La
guerre de la malbouffe
L'Express du 29/03/2001
Bourgogne
Qui l'eût cru?
par Laurent Chabrun
Des négociants vendaient sous de prestigieuses appellations
des piquettes de toute provenance
En suivant la départementale qui conduit de Dijon à
Beaune, l'automobiliste distrait peut, un instant, croire avoir
confondu la carte Michelin avec la carte des vins. Gevrey-Chambertin,
Nuits-Saint-Georges... les grands crus succèdent aux grands
crus et mènent, sans heurts, jusqu'à l'opulente sous-préfecture
tout entière dédiée au culte du bourgogne.

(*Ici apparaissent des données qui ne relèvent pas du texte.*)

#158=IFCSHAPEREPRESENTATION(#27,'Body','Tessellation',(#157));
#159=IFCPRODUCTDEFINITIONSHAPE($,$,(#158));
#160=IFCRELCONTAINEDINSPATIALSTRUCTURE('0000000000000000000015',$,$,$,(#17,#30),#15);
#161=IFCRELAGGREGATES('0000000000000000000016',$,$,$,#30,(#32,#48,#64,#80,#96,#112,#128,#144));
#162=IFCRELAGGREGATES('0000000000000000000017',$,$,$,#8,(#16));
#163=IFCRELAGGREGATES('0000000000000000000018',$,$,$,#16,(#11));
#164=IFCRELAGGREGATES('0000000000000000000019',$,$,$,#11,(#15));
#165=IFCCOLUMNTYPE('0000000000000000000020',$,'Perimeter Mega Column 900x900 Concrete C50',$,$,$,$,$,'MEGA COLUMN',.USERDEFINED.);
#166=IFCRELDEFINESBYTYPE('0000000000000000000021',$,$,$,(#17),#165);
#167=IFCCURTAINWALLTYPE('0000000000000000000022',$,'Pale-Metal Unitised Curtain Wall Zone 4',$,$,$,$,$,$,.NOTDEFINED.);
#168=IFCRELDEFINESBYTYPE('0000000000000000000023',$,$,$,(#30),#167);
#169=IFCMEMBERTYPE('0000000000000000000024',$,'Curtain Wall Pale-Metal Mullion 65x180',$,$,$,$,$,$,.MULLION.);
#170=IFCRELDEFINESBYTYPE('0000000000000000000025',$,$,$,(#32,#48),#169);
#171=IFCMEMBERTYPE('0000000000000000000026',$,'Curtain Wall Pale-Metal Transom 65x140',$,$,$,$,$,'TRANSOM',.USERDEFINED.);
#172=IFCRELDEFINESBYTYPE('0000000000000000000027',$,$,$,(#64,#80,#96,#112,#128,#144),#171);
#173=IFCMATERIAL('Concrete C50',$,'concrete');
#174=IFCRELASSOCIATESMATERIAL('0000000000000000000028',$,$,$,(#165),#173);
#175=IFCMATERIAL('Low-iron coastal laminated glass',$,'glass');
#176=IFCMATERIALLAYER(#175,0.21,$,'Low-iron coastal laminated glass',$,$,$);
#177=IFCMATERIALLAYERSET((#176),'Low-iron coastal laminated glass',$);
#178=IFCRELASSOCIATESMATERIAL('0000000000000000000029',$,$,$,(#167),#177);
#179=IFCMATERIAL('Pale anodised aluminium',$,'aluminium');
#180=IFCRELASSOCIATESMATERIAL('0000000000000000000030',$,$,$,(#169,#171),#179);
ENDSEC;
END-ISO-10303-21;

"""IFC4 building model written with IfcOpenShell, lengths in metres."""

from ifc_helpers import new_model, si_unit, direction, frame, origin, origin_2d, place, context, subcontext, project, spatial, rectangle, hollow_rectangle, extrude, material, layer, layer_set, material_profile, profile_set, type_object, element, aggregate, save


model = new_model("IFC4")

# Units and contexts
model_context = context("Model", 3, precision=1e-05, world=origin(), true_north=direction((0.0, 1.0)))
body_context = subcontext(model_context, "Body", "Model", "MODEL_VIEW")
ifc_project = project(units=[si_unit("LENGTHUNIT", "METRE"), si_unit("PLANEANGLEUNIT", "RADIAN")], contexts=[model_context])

Là, entre les revendeurs de tire-bouchons et les invitations
- en anglais - à de solides dégustations, les façades
et enseignes des négociants exhibent ce qui fait la richesse
de la ville: son vin, le sang de sa prospérité.
D'étonnantes
piquettes
On peut donc supposer que l'annonce, entre Noël et le jour
de l'An, par le quotidien local Le Bien public d'un «scandale
autour des vins de Bourgogne» ne fut pas de nature à
égayer le réveillon. Et cela d'autant plus que les
détails de l'enquête, menée dans la discrétion
par la police judiciaire de Dijon, pouvaient ébranler le
plus fervent amateur. Les investigations démontraient, en
effet, que plusieurs milliers de bouteilles de bourgogne grand cru
contenaient, en fait, d'étonnantes piquettes issues de mélanges
improbables...
Ainsi
la maison de négoce Sedivip est suspectée d'avoir
commercialisé, sous appellations et millésimes d'origine,
des grands crus «rectifiés» avec des vins du
sud de l'Europe. Cette même société aurait livré
à un commerçant local, le Manoir de la Bressandière,
un stock de meursault coupé à 30% de vin de pays d'oc.

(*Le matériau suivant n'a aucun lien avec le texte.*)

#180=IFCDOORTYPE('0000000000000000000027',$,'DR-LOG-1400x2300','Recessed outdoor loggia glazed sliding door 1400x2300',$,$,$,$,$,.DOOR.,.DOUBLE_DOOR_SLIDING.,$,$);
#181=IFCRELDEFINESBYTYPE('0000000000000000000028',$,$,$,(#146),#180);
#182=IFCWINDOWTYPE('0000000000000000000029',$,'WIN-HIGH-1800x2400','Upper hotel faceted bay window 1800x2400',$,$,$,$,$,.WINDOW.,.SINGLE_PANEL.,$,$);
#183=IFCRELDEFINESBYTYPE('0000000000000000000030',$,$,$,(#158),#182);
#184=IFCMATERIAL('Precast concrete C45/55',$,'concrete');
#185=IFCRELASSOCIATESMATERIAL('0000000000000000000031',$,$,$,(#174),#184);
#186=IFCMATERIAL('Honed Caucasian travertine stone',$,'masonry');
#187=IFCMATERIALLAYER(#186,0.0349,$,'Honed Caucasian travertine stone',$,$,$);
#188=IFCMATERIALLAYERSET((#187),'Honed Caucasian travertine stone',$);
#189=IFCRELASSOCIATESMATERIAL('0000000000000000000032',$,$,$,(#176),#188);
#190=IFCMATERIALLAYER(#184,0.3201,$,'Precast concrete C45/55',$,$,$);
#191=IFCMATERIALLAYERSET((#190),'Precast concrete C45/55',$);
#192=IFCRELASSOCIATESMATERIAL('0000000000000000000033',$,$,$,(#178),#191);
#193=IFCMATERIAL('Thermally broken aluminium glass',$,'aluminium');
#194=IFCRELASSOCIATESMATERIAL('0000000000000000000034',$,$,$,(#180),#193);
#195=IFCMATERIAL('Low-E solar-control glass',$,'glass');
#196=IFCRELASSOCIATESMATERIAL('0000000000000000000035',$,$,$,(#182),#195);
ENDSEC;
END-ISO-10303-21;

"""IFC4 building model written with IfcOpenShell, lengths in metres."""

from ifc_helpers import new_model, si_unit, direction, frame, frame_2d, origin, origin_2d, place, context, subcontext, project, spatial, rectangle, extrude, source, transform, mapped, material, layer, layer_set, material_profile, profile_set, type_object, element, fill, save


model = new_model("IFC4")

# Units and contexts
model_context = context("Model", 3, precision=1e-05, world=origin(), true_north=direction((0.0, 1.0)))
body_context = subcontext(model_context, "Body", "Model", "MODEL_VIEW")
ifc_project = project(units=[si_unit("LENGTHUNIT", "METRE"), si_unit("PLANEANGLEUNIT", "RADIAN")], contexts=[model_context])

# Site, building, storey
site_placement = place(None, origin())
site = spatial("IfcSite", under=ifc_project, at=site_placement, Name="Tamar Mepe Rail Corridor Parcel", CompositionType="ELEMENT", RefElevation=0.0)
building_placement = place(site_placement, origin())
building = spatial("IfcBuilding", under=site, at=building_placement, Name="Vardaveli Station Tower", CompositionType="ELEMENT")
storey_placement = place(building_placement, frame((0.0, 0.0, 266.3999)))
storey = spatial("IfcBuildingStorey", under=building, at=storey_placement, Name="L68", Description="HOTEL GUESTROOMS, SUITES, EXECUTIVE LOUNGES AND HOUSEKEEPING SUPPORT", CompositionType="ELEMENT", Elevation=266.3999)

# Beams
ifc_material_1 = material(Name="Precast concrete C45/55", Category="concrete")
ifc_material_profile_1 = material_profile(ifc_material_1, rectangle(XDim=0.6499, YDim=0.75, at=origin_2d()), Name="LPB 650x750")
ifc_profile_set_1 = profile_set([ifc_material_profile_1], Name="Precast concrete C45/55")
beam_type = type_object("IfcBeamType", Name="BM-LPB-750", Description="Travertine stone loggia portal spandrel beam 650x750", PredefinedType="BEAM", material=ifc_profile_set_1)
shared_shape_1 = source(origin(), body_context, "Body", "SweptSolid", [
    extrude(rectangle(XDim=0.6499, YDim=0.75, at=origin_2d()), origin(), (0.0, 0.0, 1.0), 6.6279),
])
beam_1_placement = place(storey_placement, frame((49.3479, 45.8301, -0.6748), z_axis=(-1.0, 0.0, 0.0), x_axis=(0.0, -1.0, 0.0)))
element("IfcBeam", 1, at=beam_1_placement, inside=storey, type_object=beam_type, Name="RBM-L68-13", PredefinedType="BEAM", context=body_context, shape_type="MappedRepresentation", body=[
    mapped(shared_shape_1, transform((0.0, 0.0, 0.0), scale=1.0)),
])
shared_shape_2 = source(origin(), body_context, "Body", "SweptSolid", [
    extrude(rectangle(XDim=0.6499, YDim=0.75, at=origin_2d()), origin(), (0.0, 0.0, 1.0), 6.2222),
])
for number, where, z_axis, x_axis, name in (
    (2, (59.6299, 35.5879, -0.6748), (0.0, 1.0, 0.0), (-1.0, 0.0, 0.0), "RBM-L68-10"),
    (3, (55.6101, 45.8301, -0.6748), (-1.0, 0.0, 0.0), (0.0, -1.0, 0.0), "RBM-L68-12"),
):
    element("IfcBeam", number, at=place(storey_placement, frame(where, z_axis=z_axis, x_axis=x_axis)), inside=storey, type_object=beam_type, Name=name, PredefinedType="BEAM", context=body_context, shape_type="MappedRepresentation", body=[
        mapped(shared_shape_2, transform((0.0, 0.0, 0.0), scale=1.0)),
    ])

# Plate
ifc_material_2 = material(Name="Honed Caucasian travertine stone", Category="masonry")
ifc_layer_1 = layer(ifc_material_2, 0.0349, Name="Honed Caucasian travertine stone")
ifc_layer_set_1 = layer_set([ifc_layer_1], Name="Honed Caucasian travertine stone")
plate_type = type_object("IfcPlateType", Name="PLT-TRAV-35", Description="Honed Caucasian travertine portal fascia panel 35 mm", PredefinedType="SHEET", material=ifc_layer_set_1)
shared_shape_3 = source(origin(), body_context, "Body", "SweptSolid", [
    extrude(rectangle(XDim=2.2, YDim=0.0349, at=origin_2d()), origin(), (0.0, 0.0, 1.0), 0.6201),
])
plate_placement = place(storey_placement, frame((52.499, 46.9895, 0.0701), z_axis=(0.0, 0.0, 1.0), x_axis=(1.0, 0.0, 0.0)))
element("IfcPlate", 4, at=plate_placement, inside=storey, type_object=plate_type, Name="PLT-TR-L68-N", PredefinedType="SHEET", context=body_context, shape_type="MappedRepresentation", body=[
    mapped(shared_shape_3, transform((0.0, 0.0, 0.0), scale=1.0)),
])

Lors de la perquisition, les policiers auraient également
établi que ce négociant rachetait des vins destinés
aux vinaigreries, et donc impropres à la consommation, avant
de les trafiquer puis de les commercialiser...
En
poursuivant leurs investigations, les enquêteurs allaient
ensuite constater que d'autres entreprises participaient à
ce peu ragoûtant trafic. La SA Goichot venait ainsi d'expédier
à la société Léglise et Fils un bourgogne
sans millésime, étiqueté comme un vosne-romanée
1990, lorsque les policiers ont débarqué dans ses
locaux... «Dans cette affaire, nous ne sommes que des prestataires
de service», clame pourtant le directeur de la SA Goichot,
qui nie avoir été au courant des opérations
illicites. Reste qu'une dizaine de personnes ont été
mises en examen dans ce dossier.
Des
petits «chimistes» poussés par l'appât
du gain
«Il ne s'agit là que d'une pratique marginale»,
souligne la profession, qui se veut rassurante sur la qualité
du vin de Bourgogne. Reste que l'appât d'un gain rapide et
important pourrait pousser d'autres petits «chimistes»

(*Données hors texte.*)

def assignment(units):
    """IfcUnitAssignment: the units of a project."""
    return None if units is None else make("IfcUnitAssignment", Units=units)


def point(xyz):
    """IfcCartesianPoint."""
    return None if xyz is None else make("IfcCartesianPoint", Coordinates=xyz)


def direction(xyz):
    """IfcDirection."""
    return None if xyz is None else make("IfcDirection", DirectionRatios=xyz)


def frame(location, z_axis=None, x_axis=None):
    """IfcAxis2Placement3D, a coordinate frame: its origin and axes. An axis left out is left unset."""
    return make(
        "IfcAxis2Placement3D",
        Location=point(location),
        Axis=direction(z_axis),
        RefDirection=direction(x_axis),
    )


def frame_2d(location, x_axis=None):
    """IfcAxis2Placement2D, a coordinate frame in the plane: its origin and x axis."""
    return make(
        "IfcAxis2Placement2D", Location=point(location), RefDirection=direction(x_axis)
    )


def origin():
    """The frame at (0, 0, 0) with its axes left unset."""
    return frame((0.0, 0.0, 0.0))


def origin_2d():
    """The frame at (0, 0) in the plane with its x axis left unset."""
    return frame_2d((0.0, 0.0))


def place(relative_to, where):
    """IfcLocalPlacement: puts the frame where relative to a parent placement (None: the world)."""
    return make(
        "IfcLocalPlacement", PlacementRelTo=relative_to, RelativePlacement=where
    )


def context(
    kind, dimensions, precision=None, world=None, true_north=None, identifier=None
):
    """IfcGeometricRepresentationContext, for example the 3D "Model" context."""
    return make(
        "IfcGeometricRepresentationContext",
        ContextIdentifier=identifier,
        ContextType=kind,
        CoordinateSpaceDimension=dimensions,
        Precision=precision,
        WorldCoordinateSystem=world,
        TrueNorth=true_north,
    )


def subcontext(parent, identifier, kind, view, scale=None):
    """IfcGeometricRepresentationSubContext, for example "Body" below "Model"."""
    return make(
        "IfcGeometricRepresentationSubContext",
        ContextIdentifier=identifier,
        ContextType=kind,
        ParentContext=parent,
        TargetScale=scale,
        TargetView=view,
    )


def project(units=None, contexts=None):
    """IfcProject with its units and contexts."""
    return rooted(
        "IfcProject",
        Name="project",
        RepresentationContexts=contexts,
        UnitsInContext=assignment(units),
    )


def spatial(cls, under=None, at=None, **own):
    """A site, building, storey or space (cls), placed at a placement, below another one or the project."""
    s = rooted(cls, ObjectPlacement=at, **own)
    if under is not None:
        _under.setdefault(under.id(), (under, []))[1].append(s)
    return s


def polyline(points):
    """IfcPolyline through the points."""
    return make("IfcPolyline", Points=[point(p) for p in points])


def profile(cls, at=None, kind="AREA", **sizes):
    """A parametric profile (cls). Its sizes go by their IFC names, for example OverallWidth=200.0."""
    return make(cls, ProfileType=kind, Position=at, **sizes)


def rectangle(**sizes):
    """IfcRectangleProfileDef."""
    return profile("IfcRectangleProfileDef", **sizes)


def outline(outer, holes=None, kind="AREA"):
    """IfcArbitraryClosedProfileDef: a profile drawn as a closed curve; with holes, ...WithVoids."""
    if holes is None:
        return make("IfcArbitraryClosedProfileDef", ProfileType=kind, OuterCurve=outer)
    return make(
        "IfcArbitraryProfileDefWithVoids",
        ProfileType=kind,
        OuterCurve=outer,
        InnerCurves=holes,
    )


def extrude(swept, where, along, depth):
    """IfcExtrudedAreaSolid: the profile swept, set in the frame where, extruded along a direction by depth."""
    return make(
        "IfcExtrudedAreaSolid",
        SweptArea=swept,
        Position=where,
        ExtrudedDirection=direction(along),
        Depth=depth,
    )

a recourir aux armes du fraudeur: le coupage et l'usurpation d'appellation
ou de millésime s'effectuent d'autant plus facilement qu'une
bonne partie de cette production pourrait être destinée
à l'exportation.
«La
tentation est particulièrement forte pour les entreprises
qui ont des difficultés de trésorerie», remarque
un observateur attentif du dossier, qui craint, pour la réputation
des vins de Bourgogne et l'économie locale, que d'autres
scandales n'éclatent au grand jour. Et que l'on découvre
alors qu'une pratique qualifiée de marginale l'est peut-être
beaucoup moins qu'on veut bien le dire.